A further note on Sauvage:
I was watching some of the extras of Camille Vidal-Naquet´s ´Sauvage´. There´s joint interviews with the director, cinematographer and editor where they speak about cuts, choices of lenses, filters etc. And there was a moment where the director is discussing the first scene of the film and says ‘we wanted the moment where Léo opens his eyes and looks up to be a moment akin to the the curtain going up in the theatre´, the beginning of the drama after the overture. And it struck me that part of the problem with current criticism is that filmmakers themselves offer analysis of their own work that are considerably more complex than most film criticism now offers. They also do a fantastic analysis of how they tried to symbolise freedom through money in Leo´s pocket, a moving zoom shot, and Félix Maritaud´s walk. To generalise, when film criticism seeks to unpack complexity they go to theory or philosophy (particular works of cinema don´t seem worthy enough) whereas filmmakers have no problem articulating the dense, the complex, the symbolic, the poetic…at least on the level of intentions. #ducks
Amazing Grace:
The Midlands Arts Centre has the best projection system in town and one of the best sound systems. It was mostly full and the audience was mostly black. Seeing the film was akin to a religious revival. Aretha´s voice would soar, and the audience couldn´t restrain themselves from whooping and clapping. In a cinema. Lots of Wows were heard throughout. That voice, that singer, singing those songs. It´s like all pain and sadness is transmuted into joy and hope. And one really is left agog that a person can do that, with such freedom and such control. Even her father was rolling in his chair in amazement. See it in a cinema if you get a chance. It was a form of communion.

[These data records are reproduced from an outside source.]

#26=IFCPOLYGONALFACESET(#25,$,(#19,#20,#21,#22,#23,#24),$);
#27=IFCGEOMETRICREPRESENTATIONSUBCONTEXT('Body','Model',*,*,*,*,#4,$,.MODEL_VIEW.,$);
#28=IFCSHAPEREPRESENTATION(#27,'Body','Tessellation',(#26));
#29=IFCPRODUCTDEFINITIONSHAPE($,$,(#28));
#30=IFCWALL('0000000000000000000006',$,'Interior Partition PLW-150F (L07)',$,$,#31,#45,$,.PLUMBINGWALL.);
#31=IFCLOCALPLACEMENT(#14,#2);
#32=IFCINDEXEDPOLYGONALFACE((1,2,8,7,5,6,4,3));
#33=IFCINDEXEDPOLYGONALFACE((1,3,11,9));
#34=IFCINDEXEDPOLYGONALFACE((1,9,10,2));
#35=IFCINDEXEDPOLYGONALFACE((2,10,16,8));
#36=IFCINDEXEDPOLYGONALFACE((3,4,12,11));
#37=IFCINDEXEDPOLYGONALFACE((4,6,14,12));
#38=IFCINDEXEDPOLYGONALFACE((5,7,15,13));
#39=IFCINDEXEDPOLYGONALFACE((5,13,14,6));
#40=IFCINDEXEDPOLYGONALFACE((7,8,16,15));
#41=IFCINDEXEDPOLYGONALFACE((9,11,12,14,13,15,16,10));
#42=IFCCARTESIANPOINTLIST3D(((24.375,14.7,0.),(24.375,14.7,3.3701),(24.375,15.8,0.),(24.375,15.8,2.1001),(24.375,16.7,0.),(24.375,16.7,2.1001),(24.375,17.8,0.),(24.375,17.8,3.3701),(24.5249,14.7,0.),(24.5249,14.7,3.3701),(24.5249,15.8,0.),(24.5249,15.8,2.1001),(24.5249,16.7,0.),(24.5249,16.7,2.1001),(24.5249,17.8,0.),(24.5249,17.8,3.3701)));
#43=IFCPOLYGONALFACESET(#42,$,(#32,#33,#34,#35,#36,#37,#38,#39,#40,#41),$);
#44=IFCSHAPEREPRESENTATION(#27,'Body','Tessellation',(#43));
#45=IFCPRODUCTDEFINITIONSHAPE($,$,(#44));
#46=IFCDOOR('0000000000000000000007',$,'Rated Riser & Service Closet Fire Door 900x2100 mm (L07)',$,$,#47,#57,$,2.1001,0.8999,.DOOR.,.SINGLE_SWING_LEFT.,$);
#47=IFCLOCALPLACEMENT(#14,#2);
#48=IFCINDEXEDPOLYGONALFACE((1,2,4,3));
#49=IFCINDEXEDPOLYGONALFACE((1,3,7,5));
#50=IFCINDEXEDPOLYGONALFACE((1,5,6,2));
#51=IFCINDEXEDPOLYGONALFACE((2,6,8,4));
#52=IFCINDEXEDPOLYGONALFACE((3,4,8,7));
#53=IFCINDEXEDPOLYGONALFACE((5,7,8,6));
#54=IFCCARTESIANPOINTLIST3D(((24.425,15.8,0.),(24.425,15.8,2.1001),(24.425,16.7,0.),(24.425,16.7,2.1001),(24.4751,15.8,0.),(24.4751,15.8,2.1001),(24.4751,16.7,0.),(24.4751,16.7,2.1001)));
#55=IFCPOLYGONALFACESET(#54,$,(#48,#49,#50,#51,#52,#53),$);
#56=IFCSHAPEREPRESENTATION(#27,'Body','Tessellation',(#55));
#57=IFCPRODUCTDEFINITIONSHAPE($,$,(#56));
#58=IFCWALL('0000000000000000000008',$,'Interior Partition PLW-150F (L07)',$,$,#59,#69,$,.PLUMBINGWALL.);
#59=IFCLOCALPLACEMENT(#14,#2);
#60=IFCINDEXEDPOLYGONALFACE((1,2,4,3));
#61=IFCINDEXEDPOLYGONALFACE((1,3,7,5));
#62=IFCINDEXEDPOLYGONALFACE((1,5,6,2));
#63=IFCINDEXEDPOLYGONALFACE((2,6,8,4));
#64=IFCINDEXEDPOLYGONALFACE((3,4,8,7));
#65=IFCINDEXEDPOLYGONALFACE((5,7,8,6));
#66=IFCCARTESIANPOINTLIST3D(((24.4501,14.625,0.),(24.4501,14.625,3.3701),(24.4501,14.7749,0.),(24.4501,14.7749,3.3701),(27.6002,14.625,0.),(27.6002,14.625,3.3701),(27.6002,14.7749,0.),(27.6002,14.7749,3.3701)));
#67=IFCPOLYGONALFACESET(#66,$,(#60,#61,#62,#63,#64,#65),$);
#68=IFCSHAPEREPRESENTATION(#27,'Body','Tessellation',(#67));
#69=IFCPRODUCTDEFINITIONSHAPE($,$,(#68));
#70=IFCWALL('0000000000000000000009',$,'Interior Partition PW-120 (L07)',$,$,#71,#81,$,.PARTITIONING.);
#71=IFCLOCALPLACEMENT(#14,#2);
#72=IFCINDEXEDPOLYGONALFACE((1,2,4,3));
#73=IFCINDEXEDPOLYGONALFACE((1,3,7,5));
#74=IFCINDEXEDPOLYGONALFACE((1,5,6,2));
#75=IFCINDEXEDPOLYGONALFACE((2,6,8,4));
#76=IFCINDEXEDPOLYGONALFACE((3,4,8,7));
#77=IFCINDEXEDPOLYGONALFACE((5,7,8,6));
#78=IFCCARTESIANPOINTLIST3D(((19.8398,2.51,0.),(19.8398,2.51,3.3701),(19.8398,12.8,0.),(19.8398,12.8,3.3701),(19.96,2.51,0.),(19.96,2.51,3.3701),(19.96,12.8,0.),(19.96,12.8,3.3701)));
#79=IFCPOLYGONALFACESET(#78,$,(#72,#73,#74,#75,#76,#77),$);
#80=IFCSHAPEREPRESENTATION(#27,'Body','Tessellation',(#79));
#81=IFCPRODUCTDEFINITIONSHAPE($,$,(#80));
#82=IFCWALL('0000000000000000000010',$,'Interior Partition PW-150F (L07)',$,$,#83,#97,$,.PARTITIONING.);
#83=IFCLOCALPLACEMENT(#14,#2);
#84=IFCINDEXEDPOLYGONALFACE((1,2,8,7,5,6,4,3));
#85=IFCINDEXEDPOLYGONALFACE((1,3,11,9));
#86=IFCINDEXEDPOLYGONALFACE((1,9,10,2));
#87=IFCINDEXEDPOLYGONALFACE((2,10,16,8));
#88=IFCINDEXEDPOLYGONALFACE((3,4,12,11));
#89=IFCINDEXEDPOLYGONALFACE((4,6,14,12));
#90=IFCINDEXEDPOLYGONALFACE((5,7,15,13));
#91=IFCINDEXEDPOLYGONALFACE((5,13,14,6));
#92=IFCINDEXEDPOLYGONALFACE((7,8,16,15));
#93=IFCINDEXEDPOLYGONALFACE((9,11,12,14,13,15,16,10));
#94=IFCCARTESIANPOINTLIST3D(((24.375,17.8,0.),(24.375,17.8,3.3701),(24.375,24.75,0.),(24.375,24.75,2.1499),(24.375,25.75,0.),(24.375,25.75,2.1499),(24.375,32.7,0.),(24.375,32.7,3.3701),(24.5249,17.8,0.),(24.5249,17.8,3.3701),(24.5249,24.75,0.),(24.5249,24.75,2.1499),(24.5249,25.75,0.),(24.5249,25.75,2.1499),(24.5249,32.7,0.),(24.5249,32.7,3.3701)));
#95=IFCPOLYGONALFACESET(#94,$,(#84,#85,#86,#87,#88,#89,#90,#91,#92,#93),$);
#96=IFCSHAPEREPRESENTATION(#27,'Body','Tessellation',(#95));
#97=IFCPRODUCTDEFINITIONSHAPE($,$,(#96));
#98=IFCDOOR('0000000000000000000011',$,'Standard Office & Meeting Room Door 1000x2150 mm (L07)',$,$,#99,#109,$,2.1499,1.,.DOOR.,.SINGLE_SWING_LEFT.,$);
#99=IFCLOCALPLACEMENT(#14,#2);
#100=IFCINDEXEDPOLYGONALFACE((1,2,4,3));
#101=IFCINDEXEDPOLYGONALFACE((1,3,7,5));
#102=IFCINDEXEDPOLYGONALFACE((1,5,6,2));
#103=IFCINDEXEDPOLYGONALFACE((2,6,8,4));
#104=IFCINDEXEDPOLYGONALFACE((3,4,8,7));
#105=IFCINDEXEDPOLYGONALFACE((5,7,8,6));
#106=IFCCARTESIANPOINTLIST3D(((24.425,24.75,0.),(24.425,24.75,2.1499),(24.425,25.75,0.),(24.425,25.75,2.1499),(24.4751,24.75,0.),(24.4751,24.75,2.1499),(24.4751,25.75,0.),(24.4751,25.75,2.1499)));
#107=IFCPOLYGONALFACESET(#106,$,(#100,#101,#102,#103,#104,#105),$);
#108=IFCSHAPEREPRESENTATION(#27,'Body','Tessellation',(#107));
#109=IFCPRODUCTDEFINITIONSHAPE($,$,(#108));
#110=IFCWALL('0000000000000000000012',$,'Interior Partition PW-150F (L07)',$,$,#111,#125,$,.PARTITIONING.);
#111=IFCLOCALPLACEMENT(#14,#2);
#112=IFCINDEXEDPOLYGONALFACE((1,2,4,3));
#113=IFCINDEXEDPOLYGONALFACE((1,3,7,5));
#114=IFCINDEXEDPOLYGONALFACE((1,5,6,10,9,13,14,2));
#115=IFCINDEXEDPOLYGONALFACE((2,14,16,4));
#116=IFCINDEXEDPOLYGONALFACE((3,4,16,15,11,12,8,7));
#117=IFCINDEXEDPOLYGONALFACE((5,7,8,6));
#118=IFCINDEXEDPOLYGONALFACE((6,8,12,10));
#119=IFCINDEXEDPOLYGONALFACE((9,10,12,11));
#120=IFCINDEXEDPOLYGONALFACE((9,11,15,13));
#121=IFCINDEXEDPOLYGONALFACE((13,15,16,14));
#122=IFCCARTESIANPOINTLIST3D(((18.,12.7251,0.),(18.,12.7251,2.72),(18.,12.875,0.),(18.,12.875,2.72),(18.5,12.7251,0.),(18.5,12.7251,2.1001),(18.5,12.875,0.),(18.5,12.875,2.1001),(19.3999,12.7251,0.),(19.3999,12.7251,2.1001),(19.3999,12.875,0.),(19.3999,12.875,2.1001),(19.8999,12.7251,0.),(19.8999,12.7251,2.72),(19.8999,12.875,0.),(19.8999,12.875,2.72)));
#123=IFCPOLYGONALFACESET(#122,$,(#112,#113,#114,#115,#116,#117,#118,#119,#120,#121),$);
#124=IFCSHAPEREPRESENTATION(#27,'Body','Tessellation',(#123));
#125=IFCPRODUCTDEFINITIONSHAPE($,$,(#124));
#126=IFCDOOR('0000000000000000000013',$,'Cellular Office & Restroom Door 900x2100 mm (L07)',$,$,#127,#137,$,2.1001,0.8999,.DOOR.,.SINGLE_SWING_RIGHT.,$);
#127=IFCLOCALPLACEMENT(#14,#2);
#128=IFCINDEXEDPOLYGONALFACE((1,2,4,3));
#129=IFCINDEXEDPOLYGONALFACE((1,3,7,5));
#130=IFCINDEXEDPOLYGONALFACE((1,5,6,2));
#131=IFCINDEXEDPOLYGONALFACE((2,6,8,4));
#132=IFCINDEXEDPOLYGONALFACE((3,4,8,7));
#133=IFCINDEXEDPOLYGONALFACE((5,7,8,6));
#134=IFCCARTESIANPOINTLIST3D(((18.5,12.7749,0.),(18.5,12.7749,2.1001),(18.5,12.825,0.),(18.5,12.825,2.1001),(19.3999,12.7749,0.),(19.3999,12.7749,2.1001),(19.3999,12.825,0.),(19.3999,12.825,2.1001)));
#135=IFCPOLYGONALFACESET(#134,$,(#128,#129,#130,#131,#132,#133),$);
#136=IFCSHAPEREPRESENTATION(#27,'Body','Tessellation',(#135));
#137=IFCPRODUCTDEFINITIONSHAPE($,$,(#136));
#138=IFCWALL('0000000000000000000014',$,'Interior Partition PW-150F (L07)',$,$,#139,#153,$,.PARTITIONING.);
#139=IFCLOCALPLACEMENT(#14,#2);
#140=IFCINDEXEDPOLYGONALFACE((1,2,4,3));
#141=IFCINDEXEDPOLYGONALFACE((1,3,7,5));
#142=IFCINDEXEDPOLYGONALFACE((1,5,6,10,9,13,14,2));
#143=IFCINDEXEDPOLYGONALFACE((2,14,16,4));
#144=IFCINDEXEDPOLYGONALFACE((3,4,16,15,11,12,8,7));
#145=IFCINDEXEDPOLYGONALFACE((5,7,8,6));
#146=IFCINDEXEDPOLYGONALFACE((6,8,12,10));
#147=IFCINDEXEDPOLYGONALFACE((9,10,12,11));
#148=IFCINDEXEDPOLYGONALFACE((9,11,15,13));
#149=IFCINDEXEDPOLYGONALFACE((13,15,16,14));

Medici: Master of Florence is the kind of EU transnational production we may not see much more of in the future. The majority of key actors are British; most of the rest of the production people Italian. It´s quite trashy but also sumptuous and glamorous. Richard Madden is very pretty in it. And it was lovely to see Steve Waddington as a horny bishop, Frances Berber, Brian Cox and even Dusting Hoffman in smaller roles. Ostensibly a huge hit in Italy.
Late Night
It was amateurish and inept. All good intentions, feminist rah rah, but terribly done. Not a good laugh in it, and overly sentimental. Worth seeing only for Emma Thompson, who is fabulousl.
I didn´t even know this graphic novel existed. It´s fab.
Everyone´s been saying Dark Phoenix is terrible but I wanted to see for myself. Everyone is right. A director who gets this budget and this cast and comes out with only this movie doesn´t deserve to make another one. Jessica Chastain is the only actor who makes an impression.